Brooklyn Borough President Urges Water Bottler to Rebrand Amid Furor Over Malt Liquor-Inspired Marketing Ploy

Brooklyn Borough President Eric Adams is calling out a local water bottler company over its “tone deaf” malt liquor-themed marketing campaign amid outrage over the brand’s effort to sell spring water in 40-ounce bottles, the New York Daily News reported.

Ounce Water, founded by “Sons of Anarchy” actor Theo Rossi and wife, Megan Rossi, in 2015, hit a nerve with New York City Housing Authority (NYCHA) activists who raised Cain over the water bottler’s hip–hop–inspired branding last week, prompting the company to pull its products from a Canarsie grocery store.

Activists likened the marketing scheme to “blackface in a bottle” and blasted Ounce Water for its efforts to develop a brand “based on the alcoholic products that are murdering our community.”

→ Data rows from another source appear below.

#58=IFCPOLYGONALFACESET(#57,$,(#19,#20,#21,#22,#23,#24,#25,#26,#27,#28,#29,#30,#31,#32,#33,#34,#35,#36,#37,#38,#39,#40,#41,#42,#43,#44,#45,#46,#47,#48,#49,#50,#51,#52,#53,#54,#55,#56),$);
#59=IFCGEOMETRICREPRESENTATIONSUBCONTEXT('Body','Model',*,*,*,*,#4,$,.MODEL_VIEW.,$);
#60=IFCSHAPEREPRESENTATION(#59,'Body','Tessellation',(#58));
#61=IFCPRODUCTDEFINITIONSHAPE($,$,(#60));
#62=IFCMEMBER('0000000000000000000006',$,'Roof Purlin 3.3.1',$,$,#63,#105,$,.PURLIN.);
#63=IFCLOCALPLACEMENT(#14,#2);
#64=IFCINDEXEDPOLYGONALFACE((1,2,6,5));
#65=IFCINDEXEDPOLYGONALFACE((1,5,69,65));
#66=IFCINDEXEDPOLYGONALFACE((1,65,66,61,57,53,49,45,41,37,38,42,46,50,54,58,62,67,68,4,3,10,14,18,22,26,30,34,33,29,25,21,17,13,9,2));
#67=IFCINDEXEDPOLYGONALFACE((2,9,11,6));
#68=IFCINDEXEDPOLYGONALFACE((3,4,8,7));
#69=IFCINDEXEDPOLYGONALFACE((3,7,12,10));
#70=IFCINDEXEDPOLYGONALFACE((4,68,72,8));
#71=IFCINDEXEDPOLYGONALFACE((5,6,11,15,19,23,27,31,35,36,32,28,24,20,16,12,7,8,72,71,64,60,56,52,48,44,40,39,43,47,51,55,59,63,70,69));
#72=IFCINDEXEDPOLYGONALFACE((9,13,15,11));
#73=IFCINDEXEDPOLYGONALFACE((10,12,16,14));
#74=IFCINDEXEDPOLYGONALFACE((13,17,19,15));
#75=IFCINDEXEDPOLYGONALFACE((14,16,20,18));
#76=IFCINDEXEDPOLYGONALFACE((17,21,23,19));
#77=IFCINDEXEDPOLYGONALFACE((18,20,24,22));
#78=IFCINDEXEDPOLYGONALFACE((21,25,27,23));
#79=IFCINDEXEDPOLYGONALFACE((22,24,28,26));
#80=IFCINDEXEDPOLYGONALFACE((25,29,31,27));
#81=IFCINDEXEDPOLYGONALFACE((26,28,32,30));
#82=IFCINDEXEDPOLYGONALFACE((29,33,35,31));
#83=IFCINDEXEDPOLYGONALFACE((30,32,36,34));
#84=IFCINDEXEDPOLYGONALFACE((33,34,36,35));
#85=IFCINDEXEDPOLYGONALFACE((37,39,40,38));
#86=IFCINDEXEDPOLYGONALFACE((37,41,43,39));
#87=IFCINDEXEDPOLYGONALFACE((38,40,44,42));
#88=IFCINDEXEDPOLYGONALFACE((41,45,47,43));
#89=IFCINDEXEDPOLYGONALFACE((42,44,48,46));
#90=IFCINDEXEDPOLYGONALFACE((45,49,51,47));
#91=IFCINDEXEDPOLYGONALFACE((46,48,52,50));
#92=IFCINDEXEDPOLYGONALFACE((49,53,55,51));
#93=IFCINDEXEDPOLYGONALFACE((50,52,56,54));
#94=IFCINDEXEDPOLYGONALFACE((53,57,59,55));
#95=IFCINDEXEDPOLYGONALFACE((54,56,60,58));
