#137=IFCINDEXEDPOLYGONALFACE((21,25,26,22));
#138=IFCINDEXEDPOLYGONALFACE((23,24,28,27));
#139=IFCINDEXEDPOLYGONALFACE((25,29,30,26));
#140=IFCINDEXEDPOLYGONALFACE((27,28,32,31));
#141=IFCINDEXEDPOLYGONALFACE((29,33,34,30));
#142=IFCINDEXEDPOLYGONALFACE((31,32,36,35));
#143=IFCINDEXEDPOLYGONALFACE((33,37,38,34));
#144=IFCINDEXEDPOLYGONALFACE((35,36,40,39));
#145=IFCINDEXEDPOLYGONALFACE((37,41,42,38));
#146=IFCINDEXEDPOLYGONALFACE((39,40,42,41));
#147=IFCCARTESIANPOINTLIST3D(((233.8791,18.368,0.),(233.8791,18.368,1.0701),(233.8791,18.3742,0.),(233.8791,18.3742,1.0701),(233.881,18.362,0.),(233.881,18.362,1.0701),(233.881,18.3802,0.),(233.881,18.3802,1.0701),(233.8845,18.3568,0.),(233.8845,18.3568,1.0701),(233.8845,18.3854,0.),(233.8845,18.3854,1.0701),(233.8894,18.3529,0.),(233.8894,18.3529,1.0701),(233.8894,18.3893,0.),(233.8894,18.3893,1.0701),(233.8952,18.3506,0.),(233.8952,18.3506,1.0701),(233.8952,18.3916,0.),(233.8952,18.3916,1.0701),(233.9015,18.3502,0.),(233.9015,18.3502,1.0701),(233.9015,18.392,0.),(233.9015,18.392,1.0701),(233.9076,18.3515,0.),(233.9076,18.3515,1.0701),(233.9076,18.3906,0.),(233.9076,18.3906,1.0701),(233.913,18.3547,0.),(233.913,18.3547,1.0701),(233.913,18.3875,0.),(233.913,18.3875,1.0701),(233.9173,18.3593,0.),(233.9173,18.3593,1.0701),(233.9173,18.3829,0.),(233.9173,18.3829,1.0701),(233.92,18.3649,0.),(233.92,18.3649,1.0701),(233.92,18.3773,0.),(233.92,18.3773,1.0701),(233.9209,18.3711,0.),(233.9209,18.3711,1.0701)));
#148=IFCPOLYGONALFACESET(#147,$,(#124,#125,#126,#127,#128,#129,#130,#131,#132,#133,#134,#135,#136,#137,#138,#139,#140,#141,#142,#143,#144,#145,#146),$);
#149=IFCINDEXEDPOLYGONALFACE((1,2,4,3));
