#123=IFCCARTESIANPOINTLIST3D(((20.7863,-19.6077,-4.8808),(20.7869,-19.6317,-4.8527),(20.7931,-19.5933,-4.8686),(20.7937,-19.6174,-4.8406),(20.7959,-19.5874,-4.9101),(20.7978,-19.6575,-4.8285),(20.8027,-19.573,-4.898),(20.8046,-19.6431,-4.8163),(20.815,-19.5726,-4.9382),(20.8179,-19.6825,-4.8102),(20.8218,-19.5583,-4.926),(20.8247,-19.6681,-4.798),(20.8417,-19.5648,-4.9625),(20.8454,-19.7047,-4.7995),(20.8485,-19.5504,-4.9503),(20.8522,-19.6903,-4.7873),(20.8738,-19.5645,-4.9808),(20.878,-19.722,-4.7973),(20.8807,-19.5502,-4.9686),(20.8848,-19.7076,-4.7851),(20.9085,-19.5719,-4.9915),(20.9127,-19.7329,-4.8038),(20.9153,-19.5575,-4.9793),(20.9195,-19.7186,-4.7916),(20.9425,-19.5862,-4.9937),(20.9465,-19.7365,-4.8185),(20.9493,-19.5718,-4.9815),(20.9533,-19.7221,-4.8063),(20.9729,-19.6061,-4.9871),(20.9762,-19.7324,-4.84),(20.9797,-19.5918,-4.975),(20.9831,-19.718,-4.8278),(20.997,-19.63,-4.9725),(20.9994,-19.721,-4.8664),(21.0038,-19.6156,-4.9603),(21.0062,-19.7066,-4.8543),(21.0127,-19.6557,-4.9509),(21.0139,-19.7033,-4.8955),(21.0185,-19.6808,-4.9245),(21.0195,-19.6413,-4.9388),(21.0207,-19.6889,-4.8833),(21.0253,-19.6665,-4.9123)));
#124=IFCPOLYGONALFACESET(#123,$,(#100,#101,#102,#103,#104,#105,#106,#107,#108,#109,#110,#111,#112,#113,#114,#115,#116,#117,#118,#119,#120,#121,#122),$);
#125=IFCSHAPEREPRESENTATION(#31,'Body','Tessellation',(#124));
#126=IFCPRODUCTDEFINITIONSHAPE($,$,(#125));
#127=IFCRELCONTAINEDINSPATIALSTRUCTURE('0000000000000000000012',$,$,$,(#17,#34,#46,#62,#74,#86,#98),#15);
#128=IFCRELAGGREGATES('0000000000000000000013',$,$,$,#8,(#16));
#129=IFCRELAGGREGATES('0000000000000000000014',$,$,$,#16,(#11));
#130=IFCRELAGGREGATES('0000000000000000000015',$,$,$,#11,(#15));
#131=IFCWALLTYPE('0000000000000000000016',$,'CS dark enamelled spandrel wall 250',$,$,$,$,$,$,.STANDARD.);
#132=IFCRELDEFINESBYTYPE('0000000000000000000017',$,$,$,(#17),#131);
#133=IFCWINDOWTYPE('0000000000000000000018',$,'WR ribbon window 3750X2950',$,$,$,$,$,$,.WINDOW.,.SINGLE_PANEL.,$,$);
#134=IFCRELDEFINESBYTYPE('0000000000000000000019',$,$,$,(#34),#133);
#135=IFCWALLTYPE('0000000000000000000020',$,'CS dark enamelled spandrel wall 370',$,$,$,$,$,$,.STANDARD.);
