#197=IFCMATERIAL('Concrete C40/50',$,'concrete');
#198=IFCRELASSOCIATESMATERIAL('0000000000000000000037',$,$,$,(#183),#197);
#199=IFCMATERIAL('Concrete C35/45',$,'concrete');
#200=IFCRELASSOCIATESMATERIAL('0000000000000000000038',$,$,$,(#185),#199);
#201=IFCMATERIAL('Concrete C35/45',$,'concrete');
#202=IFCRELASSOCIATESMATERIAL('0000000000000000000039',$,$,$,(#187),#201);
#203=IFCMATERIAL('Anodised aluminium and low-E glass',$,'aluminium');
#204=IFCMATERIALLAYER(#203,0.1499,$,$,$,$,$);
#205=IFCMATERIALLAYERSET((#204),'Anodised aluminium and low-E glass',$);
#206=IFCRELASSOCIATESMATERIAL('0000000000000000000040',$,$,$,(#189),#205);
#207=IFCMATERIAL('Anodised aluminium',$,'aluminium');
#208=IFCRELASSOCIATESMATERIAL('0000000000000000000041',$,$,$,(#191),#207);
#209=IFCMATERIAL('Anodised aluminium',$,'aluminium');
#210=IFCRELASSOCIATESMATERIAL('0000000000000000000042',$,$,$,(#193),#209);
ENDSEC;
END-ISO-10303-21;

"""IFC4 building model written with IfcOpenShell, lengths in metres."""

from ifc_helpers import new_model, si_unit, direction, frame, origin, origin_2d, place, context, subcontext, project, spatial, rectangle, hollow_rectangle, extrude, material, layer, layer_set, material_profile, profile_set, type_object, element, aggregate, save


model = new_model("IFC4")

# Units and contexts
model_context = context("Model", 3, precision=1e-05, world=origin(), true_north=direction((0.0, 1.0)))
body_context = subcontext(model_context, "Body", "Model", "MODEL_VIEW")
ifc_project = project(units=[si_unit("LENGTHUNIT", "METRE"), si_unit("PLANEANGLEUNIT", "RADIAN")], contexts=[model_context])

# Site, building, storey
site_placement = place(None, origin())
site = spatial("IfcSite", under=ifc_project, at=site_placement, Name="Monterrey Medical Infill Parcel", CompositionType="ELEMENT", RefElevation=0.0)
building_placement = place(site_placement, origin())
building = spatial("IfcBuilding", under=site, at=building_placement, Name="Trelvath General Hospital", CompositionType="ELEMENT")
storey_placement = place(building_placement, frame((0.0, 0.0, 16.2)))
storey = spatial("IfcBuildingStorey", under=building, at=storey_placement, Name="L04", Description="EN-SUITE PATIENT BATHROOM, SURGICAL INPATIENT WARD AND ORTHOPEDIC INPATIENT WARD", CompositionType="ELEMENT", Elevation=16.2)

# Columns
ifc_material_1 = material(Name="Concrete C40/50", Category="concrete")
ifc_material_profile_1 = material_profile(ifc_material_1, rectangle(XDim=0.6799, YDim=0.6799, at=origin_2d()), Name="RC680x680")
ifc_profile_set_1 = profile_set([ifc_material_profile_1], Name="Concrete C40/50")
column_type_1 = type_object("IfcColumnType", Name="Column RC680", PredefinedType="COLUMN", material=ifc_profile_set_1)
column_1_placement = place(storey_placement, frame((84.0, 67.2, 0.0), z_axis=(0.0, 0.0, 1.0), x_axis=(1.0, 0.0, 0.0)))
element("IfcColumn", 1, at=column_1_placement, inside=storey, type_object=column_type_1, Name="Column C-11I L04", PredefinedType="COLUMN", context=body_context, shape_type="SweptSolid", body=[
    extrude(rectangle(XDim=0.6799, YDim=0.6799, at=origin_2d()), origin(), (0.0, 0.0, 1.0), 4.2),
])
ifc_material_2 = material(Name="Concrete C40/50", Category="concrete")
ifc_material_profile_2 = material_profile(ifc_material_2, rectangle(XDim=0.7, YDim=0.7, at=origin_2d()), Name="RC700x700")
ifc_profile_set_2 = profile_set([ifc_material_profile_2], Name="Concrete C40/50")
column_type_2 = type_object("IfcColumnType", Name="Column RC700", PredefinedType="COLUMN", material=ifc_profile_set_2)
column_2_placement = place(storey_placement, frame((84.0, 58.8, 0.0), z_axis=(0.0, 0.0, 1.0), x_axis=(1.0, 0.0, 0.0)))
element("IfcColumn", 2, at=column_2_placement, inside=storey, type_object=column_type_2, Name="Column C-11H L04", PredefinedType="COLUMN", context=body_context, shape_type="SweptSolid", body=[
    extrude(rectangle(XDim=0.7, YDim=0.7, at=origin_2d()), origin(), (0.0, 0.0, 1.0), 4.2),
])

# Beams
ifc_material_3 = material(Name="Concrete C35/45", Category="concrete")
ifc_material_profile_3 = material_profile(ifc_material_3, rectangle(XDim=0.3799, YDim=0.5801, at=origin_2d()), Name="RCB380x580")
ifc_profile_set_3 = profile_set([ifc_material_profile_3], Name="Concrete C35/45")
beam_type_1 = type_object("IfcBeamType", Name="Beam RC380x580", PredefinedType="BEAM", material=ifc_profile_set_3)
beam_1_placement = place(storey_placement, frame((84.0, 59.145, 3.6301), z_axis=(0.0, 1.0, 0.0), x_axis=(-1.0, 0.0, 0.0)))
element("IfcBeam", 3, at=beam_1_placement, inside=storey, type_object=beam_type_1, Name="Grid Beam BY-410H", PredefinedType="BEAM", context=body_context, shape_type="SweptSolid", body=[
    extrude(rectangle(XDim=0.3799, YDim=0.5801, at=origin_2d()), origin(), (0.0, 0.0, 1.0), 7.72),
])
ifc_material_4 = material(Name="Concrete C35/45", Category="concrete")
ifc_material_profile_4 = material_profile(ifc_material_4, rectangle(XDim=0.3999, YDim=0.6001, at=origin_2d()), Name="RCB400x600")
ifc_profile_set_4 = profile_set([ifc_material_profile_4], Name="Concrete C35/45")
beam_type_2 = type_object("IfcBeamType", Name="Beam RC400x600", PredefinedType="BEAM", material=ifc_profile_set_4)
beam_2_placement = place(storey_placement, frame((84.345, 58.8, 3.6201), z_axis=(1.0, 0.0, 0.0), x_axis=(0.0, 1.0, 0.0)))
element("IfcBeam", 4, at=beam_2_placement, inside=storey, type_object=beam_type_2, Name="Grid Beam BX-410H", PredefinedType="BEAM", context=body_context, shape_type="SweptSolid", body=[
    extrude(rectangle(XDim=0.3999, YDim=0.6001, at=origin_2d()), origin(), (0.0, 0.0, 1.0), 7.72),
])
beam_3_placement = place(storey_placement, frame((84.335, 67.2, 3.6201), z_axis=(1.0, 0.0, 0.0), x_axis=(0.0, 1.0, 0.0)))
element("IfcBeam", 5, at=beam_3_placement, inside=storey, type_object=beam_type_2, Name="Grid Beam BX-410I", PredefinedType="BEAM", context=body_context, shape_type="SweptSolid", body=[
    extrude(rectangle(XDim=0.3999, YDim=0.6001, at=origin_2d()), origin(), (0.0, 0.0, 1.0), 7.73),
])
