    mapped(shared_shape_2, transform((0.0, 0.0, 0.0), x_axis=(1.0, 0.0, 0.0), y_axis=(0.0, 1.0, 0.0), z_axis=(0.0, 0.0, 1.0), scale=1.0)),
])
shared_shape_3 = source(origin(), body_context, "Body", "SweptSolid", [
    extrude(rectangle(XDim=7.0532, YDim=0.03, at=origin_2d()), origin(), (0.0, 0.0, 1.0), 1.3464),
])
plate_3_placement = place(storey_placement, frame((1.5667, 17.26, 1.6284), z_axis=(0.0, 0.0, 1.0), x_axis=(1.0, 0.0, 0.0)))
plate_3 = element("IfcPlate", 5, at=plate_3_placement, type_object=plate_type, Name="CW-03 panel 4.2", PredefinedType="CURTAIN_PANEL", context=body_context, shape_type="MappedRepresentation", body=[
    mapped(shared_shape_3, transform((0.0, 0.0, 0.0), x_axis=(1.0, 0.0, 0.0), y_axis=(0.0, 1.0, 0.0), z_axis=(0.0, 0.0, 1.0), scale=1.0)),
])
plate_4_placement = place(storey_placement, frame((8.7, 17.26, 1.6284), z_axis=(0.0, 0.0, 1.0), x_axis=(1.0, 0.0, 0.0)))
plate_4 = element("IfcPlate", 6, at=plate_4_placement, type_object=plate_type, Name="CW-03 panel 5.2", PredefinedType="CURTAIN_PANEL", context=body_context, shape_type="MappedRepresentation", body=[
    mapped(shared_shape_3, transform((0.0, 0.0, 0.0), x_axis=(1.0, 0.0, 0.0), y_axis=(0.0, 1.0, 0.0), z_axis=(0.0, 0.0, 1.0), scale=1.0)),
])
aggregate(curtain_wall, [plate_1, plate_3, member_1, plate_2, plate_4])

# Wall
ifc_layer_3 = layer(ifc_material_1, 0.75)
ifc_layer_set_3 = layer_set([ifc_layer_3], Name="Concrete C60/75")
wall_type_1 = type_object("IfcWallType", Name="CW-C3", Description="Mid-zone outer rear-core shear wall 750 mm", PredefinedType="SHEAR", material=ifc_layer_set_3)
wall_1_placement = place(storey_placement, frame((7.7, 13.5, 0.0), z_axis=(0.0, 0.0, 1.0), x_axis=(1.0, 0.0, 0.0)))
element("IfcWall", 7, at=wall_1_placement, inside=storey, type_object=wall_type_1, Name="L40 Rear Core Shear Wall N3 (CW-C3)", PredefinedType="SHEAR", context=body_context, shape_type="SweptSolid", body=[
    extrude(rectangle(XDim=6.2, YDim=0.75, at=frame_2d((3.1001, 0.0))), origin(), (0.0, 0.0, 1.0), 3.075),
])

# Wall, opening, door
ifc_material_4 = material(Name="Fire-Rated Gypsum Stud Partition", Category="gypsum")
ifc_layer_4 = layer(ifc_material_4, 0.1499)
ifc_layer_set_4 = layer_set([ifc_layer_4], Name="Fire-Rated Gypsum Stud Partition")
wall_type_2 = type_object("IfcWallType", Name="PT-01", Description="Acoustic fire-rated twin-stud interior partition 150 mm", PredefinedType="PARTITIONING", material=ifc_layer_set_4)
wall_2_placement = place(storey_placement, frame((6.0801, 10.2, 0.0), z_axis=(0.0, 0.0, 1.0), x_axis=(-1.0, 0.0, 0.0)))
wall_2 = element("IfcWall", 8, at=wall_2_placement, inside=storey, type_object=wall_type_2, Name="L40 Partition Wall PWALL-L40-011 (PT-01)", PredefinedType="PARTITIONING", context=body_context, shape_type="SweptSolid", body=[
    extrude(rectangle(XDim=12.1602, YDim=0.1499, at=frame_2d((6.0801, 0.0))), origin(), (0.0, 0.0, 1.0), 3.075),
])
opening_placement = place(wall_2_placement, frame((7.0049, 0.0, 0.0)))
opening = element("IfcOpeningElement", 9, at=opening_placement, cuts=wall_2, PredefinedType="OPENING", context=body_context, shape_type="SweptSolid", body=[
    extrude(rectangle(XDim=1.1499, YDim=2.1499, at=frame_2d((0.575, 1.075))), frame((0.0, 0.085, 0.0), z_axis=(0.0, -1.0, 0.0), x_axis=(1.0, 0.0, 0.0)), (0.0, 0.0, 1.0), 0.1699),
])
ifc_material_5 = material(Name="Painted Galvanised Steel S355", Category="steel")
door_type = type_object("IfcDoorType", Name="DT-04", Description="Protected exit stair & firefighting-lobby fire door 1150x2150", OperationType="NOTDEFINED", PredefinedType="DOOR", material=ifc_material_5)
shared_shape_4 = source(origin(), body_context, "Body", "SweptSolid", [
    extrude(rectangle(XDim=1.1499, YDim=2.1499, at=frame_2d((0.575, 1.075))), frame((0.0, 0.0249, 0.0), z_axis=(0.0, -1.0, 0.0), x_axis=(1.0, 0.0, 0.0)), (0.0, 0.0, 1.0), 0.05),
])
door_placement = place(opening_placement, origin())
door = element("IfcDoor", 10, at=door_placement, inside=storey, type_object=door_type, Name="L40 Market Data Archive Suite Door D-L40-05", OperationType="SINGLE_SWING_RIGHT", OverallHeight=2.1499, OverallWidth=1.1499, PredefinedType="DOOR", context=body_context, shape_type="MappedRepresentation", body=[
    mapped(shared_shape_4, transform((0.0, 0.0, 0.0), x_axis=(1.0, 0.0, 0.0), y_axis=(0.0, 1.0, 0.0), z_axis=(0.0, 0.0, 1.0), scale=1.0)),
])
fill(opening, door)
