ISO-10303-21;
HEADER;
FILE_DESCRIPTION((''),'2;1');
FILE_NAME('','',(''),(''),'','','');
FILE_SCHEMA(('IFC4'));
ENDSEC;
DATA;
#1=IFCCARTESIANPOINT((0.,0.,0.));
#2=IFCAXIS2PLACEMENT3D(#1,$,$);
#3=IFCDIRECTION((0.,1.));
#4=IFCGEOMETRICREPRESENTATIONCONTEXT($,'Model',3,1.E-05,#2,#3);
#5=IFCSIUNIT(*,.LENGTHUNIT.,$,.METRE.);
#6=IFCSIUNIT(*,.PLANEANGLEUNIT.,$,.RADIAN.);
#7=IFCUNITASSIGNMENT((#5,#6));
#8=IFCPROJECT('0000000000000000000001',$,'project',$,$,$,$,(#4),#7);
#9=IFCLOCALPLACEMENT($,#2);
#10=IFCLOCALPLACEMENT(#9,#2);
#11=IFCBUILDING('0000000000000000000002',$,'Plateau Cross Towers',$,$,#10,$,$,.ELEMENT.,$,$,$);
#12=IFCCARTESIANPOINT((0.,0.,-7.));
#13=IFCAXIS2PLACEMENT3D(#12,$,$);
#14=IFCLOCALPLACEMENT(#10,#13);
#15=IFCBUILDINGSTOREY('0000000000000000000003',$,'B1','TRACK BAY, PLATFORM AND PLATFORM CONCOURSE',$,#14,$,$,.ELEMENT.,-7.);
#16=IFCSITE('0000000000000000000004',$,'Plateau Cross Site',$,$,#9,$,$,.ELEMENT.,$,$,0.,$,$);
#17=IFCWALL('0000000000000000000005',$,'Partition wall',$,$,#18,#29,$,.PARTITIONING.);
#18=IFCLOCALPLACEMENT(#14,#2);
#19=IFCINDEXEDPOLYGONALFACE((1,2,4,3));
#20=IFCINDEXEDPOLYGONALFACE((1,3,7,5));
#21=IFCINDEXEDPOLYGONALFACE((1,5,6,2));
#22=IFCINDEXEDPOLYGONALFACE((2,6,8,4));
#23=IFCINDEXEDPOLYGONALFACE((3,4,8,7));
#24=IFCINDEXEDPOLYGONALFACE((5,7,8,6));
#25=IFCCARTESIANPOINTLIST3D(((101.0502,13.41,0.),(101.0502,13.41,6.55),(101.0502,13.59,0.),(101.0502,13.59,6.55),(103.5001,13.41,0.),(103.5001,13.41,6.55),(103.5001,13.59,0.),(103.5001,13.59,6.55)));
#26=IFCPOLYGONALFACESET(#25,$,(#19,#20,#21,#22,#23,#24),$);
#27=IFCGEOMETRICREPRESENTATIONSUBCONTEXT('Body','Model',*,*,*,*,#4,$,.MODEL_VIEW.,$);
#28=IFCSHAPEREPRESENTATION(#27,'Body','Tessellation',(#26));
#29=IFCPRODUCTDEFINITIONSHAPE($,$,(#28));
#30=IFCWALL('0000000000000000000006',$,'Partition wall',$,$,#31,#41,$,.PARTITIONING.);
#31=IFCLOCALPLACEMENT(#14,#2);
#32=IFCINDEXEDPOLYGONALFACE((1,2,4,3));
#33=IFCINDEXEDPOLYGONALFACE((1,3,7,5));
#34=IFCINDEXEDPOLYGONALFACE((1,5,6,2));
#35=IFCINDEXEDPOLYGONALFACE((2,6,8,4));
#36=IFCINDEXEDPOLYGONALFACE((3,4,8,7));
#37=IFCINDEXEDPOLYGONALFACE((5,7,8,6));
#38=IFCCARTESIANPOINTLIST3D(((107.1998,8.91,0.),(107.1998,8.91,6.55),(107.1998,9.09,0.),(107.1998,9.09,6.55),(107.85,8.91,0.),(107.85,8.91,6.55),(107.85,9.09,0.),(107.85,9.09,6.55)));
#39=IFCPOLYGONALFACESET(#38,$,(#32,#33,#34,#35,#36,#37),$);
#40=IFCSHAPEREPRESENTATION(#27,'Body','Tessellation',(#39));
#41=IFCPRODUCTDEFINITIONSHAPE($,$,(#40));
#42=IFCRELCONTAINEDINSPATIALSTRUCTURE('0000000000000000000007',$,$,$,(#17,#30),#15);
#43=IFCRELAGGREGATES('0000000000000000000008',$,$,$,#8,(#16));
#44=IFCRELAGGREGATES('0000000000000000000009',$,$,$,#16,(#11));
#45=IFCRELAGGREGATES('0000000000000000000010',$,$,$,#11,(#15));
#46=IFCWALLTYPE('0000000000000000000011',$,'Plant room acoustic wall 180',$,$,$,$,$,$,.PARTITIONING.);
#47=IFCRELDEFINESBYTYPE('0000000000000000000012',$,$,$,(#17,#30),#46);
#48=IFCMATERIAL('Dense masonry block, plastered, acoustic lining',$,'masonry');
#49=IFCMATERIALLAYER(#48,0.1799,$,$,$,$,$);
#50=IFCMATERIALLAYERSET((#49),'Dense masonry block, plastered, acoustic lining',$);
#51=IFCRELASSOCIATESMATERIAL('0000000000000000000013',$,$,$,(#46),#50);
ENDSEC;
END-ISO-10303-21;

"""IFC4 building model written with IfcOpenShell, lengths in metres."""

from ifc_helpers import new_model, si_unit, direction, frame, frame_2d, origin, place, context, subcontext, project, spatial, rectangle, extrude, material, layer, layer_set, type_object, element, save


model = new_model("IFC4")

# Units and contexts
model_context = context("Model", 3, precision=1e-05, world=origin(), true_north=direction((0.0, 1.0)))
body_context = subcontext(model_context, "Body", "Model", "MODEL_VIEW")
ifc_project = project(units=[si_unit("LENGTHUNIT", "METRE"), si_unit("PLANEANGLEUNIT", "RADIAN")], contexts=[model_context])

# Site, building, storey
site_placement = place(None, origin())
site = spatial("IfcSite", under=ifc_project, at=site_placement, Name="Plateau Cross Site", CompositionType="ELEMENT", RefElevation=0.0)
building_placement = place(site_placement, origin())
building = spatial("IfcBuilding", under=site, at=building_placement, Name="Plateau Cross Towers", CompositionType="ELEMENT")
storey_placement = place(building_placement, frame((0.0, 0.0, -7.0)))
storey = spatial("IfcBuildingStorey", under=building, at=storey_placement, Name="B1", Description="TRACK BAY, PLATFORM AND PLATFORM CONCOURSE", CompositionType="ELEMENT", Elevation=-7.0)

# Shared definitions
ifc_material_1 = material(Name="Dense masonry block, plastered, acoustic lining", Category="masonry")
ifc_layer = layer(ifc_material_1, 0.1799)
ifc_layer_set = layer_set([ifc_layer], Name="Dense masonry block, plastered, acoustic lining")
wall_type = type_object("IfcWallType", Name="Plant room acoustic wall 180", PredefinedType="PARTITIONING", material=ifc_layer_set)

# Walls
wall_1_placement = place(storey_placement, frame((101.05, 13.5, 0.0), z_axis=(0.0, 0.0, 1.0), x_axis=(1.0, 0.0, 0.0)))
element("IfcWall", 1, at=wall_1_placement, inside=storey, type_object=wall_type, Name="Partition wall", PredefinedType="PARTITIONING", context=body_context, shape_type="SweptSolid", body=[
    extrude(rectangle(XDim=2.45, YDim=0.1799, at=frame_2d((1.2251, 0.0))), origin(), (0.0, 0.0, 1.0), 6.55),
])
wall_2_placement = place(storey_placement, frame((107.8501, 9.0, 0.0), z_axis=(0.0, 0.0, 1.0), x_axis=(-1.0, 0.0, 0.0)))
element("IfcWall", 2, at=wall_2_placement, inside=storey, type_object=wall_type, Name="Partition wall", PredefinedType="PARTITIONING", context=body_context, shape_type="SweptSolid", body=[
    extrude(rectangle(XDim=0.6501, YDim=0.1799, at=frame_2d((0.3252, 0.0))), origin(), (0.0, 0.0, 1.0), 6.55),
])

save(model, "model.ifc")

Adams, 58, was equally outraged after reading the Daily News’ exclusive report on the furor and called on the company to rethink its branding.

“The tone-deaf ‘#40Ounce’ marketing is cultural appropriation at its worst,” Adams wrote on Twitter on Wednesday. “Branding that plays off the imagery of 40-ounce malt liquor is an insult to communities fighting for a healthier future.”

“@GetOunced should know better, and I urge them to rebrand,” he added.

Last week, members of the activist group Breukelen RISE penned a sharply worded letter to the company over the water bottles, which were shaped to resemble popular malt liquor brands Colt 45, Olde English and Private Stock — all of which have historically been marketed to residents of Black, urban communities.

“In a community that has been ravaged by alcohol and drugs, we are confused as to why someone would create a product that so closely resembles a malt liquor bottle,” the group’s letter read. “We cannot get behind this product staying on the shelves in our community.”

After their complaints, Ounce Water removed the 40-ounce bottles from Canarsie’s Food World Supermarket on E. 107th Street, and replaced them with standard 20-ounce bottles. That did little to quell the outrage, however.

“It’s insulting to our intelligence,” resident Thora Lashley, who has lived in the nearby Breukelen Houses for over 50 years, told the New York Daily News. “What’s next, candy corn in a crack vial? Juice in a syringe? We do not want the 1,575 families who live in the Breukelen Houses seeing that in the store.”

Ounce’s 40-ounce bottles are sold across all five New York City boroughs, and brand co-founder Meghan Rossi insisted the campaign was only aimed at keeping folks healthy and hydrated. In a statement, the brand said: “Ounce Water is hydration made easy. We are highly involved in community activities for youth [and] adults which focus on health and wellness, and further the education of the health benefits of proper hydration.”

Adams, a health food enthusiast living the vegan lifestyle, argued, however, that the campaign was more hurtful than helpful to efforts intended to encourage consumers, especially youth, to reach for a bottle of water rather than a 40.

“When you use a 40-ounce water bottle to show it in a gangster style, it’s not difficult for a young person to reach for that same 40-ounce beer bottle,” he told the newspaper. “The people on the ground are saying, we don’t want this in our community.”